Allele frequencies estimated from a DCA population can fluctuate significantly over a period of just 2–3 days (Moritz et al. 2007; Collet et al. 2009). Whether these differences are attributable to sampling error or real changes in population allele frequencies is an open question. We detected significant differences in allele frequency over the seasons evaluated. However, our data show that when allele frequencies estimated from the annual drone population are used a priori for the analysis of monthly data (method (ii) in Figure 1), the number of inferred families remained similar to those based on allele frequencies estimated from each month’s data (method (iii) in Figure 1 ) (Table III).

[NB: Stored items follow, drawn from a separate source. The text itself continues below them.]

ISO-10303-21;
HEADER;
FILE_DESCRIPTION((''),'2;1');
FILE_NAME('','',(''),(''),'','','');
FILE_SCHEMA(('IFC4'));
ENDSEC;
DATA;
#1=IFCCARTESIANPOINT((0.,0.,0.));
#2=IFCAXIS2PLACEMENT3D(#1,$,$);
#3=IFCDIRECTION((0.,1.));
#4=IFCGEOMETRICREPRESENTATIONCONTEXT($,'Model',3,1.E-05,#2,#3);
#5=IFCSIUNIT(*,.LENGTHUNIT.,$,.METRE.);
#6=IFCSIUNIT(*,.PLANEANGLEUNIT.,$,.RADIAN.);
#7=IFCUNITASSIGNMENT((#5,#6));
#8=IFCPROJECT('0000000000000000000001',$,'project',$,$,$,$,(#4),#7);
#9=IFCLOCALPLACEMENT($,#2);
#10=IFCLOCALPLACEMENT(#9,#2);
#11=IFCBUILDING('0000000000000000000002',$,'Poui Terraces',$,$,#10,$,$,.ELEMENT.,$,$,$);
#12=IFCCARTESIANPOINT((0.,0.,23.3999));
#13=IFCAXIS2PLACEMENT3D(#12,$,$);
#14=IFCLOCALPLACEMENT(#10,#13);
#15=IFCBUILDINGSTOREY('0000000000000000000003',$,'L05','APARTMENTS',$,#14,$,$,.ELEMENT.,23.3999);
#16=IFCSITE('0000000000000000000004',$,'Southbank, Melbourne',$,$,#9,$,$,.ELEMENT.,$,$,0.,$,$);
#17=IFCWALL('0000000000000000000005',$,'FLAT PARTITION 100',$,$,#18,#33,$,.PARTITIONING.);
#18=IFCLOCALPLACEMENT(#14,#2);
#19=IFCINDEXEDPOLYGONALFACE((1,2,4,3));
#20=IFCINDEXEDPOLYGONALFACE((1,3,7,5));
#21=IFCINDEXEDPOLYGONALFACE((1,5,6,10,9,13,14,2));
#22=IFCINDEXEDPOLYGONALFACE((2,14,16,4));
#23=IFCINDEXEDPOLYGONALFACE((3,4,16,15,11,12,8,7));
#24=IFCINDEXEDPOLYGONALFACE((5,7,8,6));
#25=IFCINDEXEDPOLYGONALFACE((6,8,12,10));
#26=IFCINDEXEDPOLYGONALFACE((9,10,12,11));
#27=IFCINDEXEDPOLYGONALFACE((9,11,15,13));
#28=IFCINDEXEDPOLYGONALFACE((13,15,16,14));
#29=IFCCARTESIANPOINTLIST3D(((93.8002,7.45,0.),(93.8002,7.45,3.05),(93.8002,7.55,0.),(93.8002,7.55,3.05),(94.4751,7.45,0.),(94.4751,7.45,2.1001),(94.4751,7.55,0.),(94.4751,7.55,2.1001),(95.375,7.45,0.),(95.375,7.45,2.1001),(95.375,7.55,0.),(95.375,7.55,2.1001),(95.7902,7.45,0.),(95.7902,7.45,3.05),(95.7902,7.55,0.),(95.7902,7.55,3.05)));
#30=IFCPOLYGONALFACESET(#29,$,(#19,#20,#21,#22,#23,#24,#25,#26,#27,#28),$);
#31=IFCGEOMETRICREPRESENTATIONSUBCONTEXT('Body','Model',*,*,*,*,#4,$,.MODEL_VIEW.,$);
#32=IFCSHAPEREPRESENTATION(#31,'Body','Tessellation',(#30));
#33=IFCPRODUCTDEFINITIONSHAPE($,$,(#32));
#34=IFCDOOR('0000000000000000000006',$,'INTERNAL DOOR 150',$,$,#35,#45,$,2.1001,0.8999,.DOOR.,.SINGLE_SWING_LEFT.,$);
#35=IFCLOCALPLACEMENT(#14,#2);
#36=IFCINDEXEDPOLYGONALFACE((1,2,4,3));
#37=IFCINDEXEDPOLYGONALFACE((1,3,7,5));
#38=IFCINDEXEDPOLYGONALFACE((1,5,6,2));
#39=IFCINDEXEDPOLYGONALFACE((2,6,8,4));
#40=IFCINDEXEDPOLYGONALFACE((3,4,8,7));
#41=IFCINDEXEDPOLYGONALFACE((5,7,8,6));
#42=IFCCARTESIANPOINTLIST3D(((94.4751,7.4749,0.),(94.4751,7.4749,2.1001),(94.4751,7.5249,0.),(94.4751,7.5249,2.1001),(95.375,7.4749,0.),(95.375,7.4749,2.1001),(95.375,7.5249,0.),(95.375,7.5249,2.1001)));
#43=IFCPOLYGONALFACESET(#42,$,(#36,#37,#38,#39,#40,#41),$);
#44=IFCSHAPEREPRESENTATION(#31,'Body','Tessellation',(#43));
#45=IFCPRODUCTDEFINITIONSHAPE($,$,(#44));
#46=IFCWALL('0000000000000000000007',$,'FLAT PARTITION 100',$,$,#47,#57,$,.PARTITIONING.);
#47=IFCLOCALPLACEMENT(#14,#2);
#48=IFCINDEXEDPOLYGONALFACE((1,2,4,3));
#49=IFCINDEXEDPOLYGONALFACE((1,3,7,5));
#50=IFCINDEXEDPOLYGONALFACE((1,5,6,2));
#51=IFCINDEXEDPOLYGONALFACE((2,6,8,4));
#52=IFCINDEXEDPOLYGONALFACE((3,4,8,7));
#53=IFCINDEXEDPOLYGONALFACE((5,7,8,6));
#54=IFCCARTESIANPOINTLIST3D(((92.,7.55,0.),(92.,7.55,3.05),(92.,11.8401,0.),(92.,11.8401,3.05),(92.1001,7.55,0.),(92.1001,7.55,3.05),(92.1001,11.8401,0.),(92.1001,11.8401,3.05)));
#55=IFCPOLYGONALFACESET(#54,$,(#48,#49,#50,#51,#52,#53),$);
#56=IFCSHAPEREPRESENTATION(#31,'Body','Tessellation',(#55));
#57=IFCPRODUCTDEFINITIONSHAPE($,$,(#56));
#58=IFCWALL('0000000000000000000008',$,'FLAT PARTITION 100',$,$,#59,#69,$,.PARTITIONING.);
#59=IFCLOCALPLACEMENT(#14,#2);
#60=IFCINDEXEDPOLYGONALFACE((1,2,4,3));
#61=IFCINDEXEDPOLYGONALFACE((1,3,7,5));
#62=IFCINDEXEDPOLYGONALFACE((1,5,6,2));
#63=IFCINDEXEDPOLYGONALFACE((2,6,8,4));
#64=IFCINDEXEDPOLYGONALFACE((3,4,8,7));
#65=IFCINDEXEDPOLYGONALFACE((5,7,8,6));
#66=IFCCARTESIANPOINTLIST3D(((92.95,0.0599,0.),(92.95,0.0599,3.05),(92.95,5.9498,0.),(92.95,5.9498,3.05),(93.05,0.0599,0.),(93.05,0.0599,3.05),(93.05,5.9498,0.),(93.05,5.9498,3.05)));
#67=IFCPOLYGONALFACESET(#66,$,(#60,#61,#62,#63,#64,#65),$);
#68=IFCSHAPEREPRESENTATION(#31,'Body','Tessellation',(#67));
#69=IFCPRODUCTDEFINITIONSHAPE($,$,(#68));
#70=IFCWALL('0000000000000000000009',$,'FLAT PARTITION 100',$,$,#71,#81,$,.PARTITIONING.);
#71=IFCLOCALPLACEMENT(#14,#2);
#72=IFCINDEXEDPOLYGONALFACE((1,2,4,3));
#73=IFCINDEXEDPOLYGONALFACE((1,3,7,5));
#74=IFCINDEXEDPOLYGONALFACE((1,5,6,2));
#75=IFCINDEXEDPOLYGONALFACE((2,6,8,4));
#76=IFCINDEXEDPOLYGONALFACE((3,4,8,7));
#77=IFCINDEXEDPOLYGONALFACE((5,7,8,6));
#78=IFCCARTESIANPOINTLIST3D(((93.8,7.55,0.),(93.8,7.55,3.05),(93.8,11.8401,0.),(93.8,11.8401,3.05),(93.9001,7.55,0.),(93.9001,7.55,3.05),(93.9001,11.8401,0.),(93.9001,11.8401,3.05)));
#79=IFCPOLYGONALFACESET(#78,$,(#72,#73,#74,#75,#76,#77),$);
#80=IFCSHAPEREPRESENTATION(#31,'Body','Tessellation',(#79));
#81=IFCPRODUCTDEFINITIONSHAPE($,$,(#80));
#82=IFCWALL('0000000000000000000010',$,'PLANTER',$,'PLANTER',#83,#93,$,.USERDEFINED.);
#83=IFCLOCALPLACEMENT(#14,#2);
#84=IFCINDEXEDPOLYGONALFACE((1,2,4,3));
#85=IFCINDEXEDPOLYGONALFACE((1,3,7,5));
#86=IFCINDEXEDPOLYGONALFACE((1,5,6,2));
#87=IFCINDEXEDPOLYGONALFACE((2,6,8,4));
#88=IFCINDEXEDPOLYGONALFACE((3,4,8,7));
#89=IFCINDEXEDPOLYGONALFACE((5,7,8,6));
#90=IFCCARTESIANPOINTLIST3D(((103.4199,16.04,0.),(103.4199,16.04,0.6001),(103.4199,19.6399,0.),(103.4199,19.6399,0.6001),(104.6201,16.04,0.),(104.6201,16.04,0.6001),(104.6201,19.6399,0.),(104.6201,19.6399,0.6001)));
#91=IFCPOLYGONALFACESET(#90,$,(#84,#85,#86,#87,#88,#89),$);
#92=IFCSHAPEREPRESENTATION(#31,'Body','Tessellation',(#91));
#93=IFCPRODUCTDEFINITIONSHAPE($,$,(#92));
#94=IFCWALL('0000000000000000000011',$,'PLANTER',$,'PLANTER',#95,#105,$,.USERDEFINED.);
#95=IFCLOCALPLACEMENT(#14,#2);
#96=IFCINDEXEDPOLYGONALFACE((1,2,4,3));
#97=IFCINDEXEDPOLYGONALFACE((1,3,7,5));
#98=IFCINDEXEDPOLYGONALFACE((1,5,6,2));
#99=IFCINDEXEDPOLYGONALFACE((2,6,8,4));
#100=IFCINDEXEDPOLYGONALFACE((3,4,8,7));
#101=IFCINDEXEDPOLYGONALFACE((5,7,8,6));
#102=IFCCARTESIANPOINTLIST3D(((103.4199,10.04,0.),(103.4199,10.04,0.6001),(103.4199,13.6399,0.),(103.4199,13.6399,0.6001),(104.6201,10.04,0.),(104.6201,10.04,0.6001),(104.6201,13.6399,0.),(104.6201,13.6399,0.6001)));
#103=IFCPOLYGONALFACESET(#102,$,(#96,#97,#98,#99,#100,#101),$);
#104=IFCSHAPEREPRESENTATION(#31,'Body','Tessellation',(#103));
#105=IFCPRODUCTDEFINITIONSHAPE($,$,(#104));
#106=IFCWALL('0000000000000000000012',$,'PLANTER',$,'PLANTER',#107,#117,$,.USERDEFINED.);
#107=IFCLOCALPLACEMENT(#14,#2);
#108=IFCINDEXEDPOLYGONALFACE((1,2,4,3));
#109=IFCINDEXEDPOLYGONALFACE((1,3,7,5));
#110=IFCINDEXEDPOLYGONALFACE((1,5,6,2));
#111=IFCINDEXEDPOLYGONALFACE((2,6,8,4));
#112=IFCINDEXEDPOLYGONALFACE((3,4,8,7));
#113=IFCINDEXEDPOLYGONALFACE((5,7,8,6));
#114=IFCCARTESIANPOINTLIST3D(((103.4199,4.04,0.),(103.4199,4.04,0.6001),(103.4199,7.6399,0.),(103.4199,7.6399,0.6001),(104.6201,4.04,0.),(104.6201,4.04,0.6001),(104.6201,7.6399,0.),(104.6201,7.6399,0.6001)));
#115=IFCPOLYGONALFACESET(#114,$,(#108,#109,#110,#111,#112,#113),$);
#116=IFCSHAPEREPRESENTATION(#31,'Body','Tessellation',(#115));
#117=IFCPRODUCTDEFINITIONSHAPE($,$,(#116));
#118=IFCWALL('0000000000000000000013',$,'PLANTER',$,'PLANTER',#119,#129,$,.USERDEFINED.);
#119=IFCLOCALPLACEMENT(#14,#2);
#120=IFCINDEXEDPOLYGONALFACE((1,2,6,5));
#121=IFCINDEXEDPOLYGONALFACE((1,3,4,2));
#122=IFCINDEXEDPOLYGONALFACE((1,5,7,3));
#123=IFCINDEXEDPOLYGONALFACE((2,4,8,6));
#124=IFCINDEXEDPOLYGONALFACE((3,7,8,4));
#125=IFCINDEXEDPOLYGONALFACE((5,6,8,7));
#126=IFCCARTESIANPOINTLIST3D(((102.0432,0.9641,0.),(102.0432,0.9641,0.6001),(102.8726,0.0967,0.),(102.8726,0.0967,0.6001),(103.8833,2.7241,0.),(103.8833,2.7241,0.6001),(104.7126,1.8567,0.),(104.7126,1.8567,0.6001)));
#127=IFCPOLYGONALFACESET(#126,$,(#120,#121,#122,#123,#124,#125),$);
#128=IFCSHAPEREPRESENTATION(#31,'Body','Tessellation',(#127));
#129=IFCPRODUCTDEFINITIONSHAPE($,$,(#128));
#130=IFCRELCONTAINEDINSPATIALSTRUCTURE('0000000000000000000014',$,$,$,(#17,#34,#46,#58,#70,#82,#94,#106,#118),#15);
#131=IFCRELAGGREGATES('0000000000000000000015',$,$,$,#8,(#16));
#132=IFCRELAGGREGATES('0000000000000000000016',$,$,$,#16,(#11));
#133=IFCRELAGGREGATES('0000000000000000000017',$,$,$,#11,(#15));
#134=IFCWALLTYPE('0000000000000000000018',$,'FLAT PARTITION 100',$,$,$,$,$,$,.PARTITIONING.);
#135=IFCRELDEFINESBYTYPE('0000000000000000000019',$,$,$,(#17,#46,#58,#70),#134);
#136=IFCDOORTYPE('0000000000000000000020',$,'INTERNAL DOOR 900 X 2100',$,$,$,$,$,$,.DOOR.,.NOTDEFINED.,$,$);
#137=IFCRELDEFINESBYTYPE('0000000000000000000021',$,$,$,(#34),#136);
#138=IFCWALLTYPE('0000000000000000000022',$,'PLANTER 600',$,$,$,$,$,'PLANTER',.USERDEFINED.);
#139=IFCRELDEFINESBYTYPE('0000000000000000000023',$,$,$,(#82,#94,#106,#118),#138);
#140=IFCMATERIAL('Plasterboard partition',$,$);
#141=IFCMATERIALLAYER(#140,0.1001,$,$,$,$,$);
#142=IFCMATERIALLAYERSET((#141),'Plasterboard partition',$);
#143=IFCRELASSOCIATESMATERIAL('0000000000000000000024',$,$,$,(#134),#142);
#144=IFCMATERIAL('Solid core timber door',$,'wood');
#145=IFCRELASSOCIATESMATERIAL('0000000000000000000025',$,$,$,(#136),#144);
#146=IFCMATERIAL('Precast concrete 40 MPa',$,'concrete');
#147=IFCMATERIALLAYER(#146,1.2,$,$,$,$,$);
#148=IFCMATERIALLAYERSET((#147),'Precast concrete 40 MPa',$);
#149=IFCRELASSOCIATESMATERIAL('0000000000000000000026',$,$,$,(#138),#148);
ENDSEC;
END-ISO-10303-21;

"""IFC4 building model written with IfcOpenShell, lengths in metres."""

from ifc_helpers import new_model, si_unit, direction, frame, frame_2d, origin, place, context, subcontext, project, spatial, polyline, rectangle, outline, extrude, source, transform, mapped, material, layer, layer_set, type_object, element, fill, save


model = new_model("IFC4")

# Units and contexts
model_context = context("Model", 3, precision=1e-05, world=origin(), true_north=direction((0.0, 1.0)))
body_context = subcontext(model_context, "Body", "Model", "MODEL_VIEW")
ifc_project = project(units=[si_unit("LENGTHUNIT", "METRE"), si_unit("PLANEANGLEUNIT", "RADIAN")], contexts=[model_context])

# Site, building, storey
site_placement = place(None, origin())
site = spatial("IfcSite", under=ifc_project, at=site_placement, Name="Southbank, Melbourne", CompositionType="ELEMENT", RefElevation=0.0)
building_placement = place(site_placement, origin())
building = spatial("IfcBuilding", under=site, at=building_placement, Name="Poui Terraces", CompositionType="ELEMENT")
storey_placement = place(building_placement, frame((0.0, 0.0, 23.3999)))
storey = spatial("IfcBuildingStorey", under=building, at=storey_placement, Name="L05", Description="APARTMENTS", CompositionType="ELEMENT", Elevation=23.3999)

# Shared definitions
ifc_material_1 = material(Name="Solid core timber door", Category="wood")

# Wall, opening, door
ifc_material_2 = material(Name="Plasterboard partition")
ifc_layer_1 = layer(ifc_material_2, 0.1001)
ifc_layer_set_1 = layer_set([ifc_layer_1], Name="Plasterboard partition")
wall_type_1 = type_object("IfcWallType", Name="FLAT PARTITION 100", PredefinedType="PARTITIONING", material=ifc_layer_set_1)
door_type_1 = type_object("IfcDoorType", Name="INTERNAL DOOR 900 X 2100", OperationType="NOTDEFINED", PredefinedType="DOOR", material=ifc_material_1)
wall_1_placement = place(storey_placement, frame((93.8, 7.5, 0.0), z_axis=(0.0, 0.0, 1.0), x_axis=(1.0, 0.0, 0.0)))
wall_1 = element("IfcWall", 1, at=wall_1_placement, inside=storey, type_object=wall_type_1, Name="FLAT PARTITION 100", PredefinedType="PARTITIONING", context=body_context, shape_type="SweptSolid", body=[
    extrude(rectangle(XDim=1.99, YDim=0.1001, at=frame_2d((0.9951, 0.0))), origin(), (0.0, 0.0, 1.0), 3.05),
])
opening_1_placement = place(wall_1_placement, frame((0.675, 0.0, 0.0)))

This indicates that fluctuations in allele frequencies over time have no material impact on the numbers of colonies inferred. Thus, if repeated sampling is required because the sample size is low, data from the repeated samples can be pooled with confidence. In this case, the research question should be taken into an account to assess whether repeated sampling is warranted, and how long the study period should be.

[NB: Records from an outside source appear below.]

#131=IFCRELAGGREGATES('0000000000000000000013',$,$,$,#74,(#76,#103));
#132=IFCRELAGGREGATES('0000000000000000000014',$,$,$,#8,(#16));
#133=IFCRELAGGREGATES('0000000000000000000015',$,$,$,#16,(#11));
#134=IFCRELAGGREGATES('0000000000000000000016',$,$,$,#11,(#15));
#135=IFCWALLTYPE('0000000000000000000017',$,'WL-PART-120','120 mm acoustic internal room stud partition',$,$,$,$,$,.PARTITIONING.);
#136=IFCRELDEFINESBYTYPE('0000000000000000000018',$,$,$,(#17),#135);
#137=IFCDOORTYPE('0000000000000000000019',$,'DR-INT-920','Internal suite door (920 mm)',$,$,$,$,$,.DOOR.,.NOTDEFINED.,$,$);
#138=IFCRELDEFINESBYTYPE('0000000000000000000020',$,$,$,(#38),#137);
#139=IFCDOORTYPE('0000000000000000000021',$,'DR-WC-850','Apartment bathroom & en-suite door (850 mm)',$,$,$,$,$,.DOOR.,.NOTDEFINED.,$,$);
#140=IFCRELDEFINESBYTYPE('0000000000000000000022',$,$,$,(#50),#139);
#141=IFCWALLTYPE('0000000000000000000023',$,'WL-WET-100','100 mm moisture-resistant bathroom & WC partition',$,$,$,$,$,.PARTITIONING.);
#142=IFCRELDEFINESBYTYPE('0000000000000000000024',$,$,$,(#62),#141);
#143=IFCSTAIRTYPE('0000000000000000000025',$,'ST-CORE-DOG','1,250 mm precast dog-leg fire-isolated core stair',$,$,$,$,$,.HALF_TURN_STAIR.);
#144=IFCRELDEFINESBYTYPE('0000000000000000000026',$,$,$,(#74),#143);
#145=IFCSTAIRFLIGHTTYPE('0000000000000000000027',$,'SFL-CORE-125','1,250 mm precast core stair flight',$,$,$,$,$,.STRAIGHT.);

Our study shows that drone sampling should not be conducted until at least 1 month after drones first appear at a DCA after winter, and at least 1 month before drones cease flying in winter. Although the number of families found in each month was variable (Table I), comets of drones were present from October to March at both locations in each year, whereas the presence of comets was uneven in September and April. Therefore, the time of the year that sampling is conducted is likely to have a material influence on the accuracy of the estimates of colony density that are obtained.

5 Conclusions

In an environment where the density of colonies is unknown, an a priori goal for sample size is unknown, as it depends on the number of colonies present in the environment (Utaipanon et al. 2021). (Of course, sample size should always be as large as is practicable, within the constraints of a field trip.) Where the actual colony density is very low, small sample sizes (c.a. 200 drones) are likely to be adequate. If the density of colonies is high, higher sample sizes are necessary (> 3000 drones) (Utaipanon et al. 2021). Our study suggests that there is no harm in collecting drones over a period of a week or even months; allele frequencies, real or due to sampling error, do not fluctuate sufficiently to be cause for concern. This property of drone populations and maximum likelihood estimates of allele frequencies means that researchers can analyse an initial sample and return to the field to collect additional samples if the average number of drones per family turns out to be inadequate. Such a protocol will maximise the efficiency of the method. It is also possible to fit the data to a truncated Poisson distribution to estimate the number of non-sampled colonies (Baudry et al. 1998), but because the distribution of family size is often a poor fit to the Poisson distribution, we suggest that additional samples should be obtained wherever possible.